Дым начинал разъедать и мои глаза.

– Конечно, мессер! Сын мясника, который ел его рубец, как будто это эликсир жизни, как он обычно говорил. Он был так счастлив от этого, мессер.

Счастлив… Тессина держала меня за руку, и я крепко стиснул ее ладонь. Я никогда не представлял, что Уголино может быть счастлив или печален и что ему могло быть холодно или жарко, если уж на то пошло. Я думал о нем как о гении, но не как о человеке.

– Синьора, это странный вопрос, но у вас остался рецепт рубца маэстро Уголино? – с дрожью в голосе спросил я.

– Маэстро? – ошеломленно переспросила женщина. – Он же торговал рубцом на рынке!

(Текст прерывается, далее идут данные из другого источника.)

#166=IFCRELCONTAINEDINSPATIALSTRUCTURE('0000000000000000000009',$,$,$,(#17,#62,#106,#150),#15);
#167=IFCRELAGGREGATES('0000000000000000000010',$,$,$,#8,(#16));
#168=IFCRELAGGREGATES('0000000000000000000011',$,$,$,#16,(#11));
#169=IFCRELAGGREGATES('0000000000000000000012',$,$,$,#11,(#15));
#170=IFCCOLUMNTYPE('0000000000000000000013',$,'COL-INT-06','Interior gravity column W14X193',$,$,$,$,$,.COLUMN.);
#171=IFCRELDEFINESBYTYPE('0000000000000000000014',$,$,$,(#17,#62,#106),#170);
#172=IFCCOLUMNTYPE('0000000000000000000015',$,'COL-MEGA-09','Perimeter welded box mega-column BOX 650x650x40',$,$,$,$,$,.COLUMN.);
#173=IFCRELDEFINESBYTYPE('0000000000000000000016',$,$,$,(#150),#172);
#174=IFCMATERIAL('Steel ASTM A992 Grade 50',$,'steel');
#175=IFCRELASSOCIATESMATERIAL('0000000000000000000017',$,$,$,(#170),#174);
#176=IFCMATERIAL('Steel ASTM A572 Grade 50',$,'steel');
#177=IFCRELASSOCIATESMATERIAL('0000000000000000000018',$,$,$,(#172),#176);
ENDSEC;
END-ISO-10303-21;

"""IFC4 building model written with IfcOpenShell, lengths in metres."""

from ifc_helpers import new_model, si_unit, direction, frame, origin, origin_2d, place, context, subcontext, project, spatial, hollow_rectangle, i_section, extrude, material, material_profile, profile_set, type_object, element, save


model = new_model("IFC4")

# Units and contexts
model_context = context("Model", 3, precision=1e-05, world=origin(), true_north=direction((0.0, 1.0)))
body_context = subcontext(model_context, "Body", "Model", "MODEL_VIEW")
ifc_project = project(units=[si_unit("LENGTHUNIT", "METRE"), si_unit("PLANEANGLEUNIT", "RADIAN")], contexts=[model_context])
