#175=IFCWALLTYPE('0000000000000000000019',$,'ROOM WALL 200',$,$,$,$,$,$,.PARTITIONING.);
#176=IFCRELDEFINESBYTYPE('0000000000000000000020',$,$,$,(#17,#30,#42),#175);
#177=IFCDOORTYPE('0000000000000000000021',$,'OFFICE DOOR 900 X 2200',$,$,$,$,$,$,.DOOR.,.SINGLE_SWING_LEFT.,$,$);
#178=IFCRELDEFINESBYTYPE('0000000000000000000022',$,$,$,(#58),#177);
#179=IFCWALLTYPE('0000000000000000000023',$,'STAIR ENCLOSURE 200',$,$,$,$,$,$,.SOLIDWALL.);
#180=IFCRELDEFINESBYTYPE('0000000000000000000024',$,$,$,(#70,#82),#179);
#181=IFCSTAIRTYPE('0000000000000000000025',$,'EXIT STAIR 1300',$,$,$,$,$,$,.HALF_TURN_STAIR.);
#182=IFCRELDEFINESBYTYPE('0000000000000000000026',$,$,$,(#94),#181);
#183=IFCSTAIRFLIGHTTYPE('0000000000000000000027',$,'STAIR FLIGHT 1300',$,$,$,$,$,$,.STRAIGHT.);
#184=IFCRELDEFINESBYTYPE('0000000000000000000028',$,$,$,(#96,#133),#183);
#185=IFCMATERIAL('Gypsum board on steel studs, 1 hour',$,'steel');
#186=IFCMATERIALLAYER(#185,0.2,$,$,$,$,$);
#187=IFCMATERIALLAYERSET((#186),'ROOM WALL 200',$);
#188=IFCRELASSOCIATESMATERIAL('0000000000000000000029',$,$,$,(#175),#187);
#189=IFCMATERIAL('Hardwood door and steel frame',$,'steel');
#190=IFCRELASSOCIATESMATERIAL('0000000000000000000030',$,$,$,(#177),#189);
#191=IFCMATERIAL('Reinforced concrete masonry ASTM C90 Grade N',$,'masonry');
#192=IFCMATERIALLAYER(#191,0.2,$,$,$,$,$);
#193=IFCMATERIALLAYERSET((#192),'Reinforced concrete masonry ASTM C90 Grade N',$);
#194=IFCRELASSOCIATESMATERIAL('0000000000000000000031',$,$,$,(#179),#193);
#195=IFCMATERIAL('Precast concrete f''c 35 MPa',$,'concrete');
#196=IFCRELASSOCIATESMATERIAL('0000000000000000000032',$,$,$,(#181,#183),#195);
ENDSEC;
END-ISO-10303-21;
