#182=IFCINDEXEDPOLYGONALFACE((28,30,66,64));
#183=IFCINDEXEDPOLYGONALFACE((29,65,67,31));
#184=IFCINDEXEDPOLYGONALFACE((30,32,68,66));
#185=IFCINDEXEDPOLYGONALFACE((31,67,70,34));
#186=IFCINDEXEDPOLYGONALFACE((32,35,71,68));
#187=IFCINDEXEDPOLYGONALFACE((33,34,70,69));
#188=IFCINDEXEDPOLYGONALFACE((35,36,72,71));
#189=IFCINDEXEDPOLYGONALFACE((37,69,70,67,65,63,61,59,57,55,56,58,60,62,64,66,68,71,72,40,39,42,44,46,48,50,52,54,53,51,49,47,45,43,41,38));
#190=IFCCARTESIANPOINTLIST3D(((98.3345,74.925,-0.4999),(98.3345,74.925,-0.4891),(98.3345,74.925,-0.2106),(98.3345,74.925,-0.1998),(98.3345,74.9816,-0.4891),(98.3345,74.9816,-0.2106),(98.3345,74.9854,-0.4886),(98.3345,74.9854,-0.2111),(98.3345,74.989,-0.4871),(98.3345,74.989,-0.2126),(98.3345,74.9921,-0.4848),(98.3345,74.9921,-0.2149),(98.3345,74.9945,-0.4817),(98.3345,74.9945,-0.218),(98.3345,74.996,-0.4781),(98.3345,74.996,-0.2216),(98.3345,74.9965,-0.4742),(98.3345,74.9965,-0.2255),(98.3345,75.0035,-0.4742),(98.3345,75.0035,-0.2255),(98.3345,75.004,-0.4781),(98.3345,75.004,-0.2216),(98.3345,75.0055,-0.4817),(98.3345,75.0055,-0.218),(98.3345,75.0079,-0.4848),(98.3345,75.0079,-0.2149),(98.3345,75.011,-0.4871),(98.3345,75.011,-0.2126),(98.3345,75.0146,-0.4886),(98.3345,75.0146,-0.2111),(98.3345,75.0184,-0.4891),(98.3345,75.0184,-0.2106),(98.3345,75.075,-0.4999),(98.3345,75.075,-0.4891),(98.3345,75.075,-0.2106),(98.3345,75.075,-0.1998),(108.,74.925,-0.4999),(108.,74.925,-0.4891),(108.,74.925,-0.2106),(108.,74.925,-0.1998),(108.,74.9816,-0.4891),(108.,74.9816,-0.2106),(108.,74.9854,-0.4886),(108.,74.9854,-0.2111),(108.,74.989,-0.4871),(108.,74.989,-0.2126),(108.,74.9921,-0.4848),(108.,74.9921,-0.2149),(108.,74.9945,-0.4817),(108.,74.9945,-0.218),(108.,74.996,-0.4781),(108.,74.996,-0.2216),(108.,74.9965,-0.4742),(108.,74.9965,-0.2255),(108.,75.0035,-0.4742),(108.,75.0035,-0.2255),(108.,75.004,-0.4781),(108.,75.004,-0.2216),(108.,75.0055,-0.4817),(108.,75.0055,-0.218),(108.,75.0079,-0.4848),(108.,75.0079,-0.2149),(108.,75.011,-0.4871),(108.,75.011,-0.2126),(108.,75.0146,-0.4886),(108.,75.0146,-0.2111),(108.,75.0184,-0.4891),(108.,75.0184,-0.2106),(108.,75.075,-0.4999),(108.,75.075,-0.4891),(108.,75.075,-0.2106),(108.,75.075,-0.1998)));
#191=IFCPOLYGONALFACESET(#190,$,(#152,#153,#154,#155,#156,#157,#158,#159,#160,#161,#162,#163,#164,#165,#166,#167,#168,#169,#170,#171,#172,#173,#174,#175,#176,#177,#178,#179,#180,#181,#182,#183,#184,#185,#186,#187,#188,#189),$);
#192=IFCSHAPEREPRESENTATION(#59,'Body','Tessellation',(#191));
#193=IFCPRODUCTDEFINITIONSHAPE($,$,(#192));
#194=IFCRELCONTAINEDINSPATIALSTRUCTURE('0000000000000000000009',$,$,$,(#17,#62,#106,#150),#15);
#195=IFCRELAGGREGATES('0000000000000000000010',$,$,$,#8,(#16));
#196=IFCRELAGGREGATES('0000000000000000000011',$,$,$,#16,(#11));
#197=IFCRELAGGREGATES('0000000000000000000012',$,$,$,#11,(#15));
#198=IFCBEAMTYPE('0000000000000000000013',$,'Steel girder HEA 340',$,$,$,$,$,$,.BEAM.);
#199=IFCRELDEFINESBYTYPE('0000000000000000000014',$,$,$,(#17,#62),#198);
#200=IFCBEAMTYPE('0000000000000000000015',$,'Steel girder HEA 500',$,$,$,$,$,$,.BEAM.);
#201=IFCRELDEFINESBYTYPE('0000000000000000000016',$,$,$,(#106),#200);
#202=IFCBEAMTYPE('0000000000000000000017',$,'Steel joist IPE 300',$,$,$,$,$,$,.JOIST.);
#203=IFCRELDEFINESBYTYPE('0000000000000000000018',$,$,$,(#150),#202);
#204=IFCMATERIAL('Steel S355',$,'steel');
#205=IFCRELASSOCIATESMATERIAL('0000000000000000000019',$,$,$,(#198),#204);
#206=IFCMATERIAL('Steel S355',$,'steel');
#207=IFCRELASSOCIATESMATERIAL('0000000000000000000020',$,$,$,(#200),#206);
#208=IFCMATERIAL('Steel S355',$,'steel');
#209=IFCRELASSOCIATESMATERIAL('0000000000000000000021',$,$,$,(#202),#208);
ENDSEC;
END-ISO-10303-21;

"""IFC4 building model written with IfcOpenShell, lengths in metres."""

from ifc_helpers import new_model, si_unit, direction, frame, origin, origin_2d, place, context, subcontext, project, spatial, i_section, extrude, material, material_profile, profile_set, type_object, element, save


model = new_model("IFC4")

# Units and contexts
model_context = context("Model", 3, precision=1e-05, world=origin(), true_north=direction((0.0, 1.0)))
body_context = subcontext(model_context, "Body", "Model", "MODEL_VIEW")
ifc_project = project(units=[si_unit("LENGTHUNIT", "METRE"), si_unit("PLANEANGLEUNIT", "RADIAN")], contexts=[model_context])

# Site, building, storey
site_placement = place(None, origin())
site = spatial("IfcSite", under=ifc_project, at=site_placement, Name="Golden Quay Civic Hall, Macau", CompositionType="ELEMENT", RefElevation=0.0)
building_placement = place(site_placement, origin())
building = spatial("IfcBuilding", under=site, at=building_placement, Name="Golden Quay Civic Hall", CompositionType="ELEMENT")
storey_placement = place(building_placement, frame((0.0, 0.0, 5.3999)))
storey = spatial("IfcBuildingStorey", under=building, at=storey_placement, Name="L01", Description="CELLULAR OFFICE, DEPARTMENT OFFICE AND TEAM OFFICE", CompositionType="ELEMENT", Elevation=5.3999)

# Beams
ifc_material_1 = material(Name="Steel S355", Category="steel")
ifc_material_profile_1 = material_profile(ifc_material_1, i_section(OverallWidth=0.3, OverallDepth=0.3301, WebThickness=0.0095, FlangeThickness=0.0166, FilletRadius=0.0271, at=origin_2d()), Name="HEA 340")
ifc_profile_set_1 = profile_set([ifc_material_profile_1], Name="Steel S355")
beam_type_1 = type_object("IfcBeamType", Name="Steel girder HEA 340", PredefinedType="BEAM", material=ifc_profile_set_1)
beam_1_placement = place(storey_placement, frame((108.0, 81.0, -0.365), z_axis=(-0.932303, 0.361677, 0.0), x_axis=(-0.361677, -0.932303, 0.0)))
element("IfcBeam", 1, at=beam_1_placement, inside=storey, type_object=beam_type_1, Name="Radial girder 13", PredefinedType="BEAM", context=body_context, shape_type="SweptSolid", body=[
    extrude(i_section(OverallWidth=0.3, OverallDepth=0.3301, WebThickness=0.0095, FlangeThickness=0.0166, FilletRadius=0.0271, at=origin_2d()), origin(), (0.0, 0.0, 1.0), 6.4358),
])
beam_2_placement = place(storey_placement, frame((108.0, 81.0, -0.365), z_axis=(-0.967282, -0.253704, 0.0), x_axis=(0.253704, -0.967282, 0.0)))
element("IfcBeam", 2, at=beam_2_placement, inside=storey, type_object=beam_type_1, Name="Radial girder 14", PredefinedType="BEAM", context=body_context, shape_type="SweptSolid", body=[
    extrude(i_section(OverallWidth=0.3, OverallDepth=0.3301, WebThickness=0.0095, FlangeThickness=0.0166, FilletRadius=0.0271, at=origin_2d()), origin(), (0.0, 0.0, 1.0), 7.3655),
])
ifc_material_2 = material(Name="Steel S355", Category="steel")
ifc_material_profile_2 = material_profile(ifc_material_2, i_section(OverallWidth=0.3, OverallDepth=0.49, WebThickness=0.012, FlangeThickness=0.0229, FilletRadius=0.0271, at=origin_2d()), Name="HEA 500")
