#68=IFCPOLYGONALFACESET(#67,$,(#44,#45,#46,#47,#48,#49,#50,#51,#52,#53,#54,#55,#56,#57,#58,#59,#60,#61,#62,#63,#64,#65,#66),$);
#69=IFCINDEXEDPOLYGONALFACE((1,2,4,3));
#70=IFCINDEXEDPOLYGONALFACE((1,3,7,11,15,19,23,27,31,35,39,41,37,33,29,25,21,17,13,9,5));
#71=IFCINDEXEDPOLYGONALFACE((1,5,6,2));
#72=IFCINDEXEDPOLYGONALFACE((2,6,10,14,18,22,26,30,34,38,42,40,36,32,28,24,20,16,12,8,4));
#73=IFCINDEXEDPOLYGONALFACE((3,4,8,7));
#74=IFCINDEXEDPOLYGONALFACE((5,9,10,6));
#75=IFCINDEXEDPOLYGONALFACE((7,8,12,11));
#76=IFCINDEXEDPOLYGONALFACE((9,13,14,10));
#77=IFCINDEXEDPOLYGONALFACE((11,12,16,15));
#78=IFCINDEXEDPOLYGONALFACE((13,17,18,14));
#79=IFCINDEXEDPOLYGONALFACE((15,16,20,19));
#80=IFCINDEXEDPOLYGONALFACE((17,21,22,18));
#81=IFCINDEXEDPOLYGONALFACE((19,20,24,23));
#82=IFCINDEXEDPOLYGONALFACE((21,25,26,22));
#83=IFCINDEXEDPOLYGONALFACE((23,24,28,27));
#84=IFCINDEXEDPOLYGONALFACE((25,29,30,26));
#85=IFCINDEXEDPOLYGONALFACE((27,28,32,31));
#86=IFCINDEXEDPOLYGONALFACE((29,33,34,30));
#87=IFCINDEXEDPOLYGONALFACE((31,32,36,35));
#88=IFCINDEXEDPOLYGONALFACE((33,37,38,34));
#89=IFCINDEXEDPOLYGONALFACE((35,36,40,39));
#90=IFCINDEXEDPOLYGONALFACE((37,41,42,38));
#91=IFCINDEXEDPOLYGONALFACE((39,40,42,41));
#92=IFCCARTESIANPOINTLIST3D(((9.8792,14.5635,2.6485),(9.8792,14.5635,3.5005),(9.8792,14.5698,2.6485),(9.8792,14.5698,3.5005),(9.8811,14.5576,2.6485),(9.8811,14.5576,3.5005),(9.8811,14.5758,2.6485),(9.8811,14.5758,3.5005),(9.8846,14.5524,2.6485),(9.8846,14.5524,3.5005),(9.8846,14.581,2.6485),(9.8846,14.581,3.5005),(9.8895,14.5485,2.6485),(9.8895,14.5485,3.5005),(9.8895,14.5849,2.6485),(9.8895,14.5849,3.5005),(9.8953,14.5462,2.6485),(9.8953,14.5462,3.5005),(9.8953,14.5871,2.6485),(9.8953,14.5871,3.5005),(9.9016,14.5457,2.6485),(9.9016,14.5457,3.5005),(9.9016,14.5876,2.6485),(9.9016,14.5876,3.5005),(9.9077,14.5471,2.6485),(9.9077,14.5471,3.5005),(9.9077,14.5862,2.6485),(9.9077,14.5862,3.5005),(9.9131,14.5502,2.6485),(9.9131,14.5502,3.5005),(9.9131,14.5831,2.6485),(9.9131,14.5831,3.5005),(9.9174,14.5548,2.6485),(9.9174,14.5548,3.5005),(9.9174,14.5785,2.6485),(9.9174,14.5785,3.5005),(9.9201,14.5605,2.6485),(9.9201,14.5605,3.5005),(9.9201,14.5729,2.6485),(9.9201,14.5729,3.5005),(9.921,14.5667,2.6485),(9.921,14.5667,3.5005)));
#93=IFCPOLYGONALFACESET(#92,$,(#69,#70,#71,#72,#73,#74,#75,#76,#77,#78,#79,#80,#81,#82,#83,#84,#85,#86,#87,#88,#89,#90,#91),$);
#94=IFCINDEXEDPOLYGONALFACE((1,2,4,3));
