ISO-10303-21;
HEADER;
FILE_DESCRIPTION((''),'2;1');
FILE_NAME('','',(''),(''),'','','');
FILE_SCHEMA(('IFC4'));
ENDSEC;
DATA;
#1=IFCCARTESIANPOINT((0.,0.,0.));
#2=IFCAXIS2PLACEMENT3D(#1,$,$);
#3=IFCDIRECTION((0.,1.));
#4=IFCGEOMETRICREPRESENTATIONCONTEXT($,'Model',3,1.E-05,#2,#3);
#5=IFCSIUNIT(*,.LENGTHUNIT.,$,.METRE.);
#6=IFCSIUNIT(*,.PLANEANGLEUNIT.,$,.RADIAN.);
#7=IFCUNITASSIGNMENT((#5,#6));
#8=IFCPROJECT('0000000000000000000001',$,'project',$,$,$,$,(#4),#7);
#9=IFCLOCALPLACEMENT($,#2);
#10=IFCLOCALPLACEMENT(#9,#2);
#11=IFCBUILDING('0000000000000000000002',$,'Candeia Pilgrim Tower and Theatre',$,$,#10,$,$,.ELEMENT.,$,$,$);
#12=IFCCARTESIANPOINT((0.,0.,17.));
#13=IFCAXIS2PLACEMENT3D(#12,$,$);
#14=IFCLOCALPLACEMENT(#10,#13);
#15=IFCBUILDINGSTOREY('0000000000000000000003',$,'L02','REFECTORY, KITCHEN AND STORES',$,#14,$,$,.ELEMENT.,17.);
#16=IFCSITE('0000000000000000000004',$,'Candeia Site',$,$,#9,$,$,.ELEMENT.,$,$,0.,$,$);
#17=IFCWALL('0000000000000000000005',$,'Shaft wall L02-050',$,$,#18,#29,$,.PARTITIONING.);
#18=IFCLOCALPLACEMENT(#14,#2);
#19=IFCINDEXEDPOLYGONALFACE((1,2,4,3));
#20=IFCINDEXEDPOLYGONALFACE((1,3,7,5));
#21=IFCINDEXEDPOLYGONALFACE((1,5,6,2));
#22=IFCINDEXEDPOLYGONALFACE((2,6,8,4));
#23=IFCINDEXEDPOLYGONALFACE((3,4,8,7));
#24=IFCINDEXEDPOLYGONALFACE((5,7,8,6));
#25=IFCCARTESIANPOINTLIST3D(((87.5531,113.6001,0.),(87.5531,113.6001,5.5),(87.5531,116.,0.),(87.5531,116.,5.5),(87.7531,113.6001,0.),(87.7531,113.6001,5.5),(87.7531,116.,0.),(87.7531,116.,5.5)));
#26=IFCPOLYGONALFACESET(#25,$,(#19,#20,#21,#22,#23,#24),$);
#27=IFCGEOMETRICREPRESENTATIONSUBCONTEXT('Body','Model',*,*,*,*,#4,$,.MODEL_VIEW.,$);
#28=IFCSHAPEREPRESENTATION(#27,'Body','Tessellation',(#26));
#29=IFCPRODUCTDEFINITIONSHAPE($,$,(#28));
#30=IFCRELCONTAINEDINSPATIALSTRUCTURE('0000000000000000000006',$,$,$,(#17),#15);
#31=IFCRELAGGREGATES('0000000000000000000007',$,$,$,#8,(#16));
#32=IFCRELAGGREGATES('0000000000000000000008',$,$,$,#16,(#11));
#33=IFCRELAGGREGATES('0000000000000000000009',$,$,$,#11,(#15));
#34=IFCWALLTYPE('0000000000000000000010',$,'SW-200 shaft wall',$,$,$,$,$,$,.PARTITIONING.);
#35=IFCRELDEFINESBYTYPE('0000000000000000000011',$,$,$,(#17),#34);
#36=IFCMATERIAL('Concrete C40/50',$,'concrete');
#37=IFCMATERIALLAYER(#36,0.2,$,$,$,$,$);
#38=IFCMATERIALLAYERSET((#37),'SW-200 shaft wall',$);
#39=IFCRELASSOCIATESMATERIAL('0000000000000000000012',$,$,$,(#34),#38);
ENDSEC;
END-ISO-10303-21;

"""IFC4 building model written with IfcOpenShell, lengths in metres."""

from ifc_helpers import new_model, si_unit, direction, frame, frame_2d, origin, place, context, subcontext, project, spatial, rectangle, extrude, material, layer, layer_set, type_object, element, save


model = new_model("IFC4")

# Units and contexts
model_context = context("Model", 3, precision=1e-05, world=origin(), true_north=direction((0.0, 1.0)))
body_context = subcontext(model_context, "Body", "Model", "MODEL_VIEW")
ifc_project = project(units=[si_unit("LENGTHUNIT", "METRE"), si_unit("PLANEANGLEUNIT", "RADIAN")], contexts=[model_context])

# Site, building, storey
site_placement = place(None, origin())
site = spatial("IfcSite", under=ifc_project, at=site_placement, Name="Candeia Site", CompositionType="ELEMENT", RefElevation=0.0)
building_placement = place(site_placement, origin())
building = spatial("IfcBuilding", under=site, at=building_placement, Name="Candeia Pilgrim Tower and Theatre", CompositionType="ELEMENT")
storey_placement = place(building_placement, frame((0.0, 0.0, 17.0)))
storey = spatial("IfcBuildingStorey", under=building, at=storey_placement, Name="L02", Description="REFECTORY, KITCHEN AND STORES", CompositionType="ELEMENT", Elevation=17.0)

# Shared definitions
ifc_material_1 = material(Name="Concrete C40/50", Category="concrete")
ifc_layer_1 = layer(ifc_material_1, 0.2)
ifc_layer_set_1 = layer_set([ifc_layer_1], Name="SW-200 shaft wall")
wall_type_1 = type_object("IfcWallType", Name="SW-200 shaft wall", PredefinedType="PARTITIONING", material=ifc_layer_set_1)

# Wall
wall_1_placement = place(storey_placement, frame((87.6531, 113.6001, 0.0), z_axis=(0.0, 0.0, 1.0), x_axis=(0.0, 1.0, 0.0)))
element("IfcWall", 1, at=wall_1_placement, inside=storey, type_object=wall_type_1, Name="Shaft wall L02-050", PredefinedType="PARTITIONING", context=body_context, shape_type="SweptSolid", body=[
    extrude(rectangle(XDim=2.3999, YDim=0.2, at=frame_2d((1.2, 0.0))), origin(), (0.0, 0.0, 1.0), 5.5),
])

save(model, "model.ifc")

– Но он был таким же великим маэстро, как все прочие, кого я знал.

– Боже правый… Как он любил о вас говорить! Вы должны знать рецепт, если готовили для его святейшества.

– К моей печали, не знаю.

– Это же просто рубец, мессер! Рубцы, мы их промывали перед домом, у колодца. Кость из окорока, но это вы знаете. Вареная курица, три телячьи ноги. Белое вино…

– Которое вы делали из винограда у дома? – радостно перебил я.

– Помилуйте, мессер! Эта старуха едва нам-то виноград давала. Нет, от любого торговца, кто даст лучшую цену. Шафран, совсем чуточку. И больше ничего, кроме длинного перца, шалфея, мяты и соли.

– Это мята! – взорвался я. – Какая мята, синьора? Что за разновидность?

– Горная мята с рынка, – терпеливо пояснила она. – Просто еда, мессер. Самая обычная простая еда. – Потом она просияла. – Уголино был бы так счастлив рассказать вам это сам, мессер. Но может быть, вы захотите взять что-нибудь на память о нем?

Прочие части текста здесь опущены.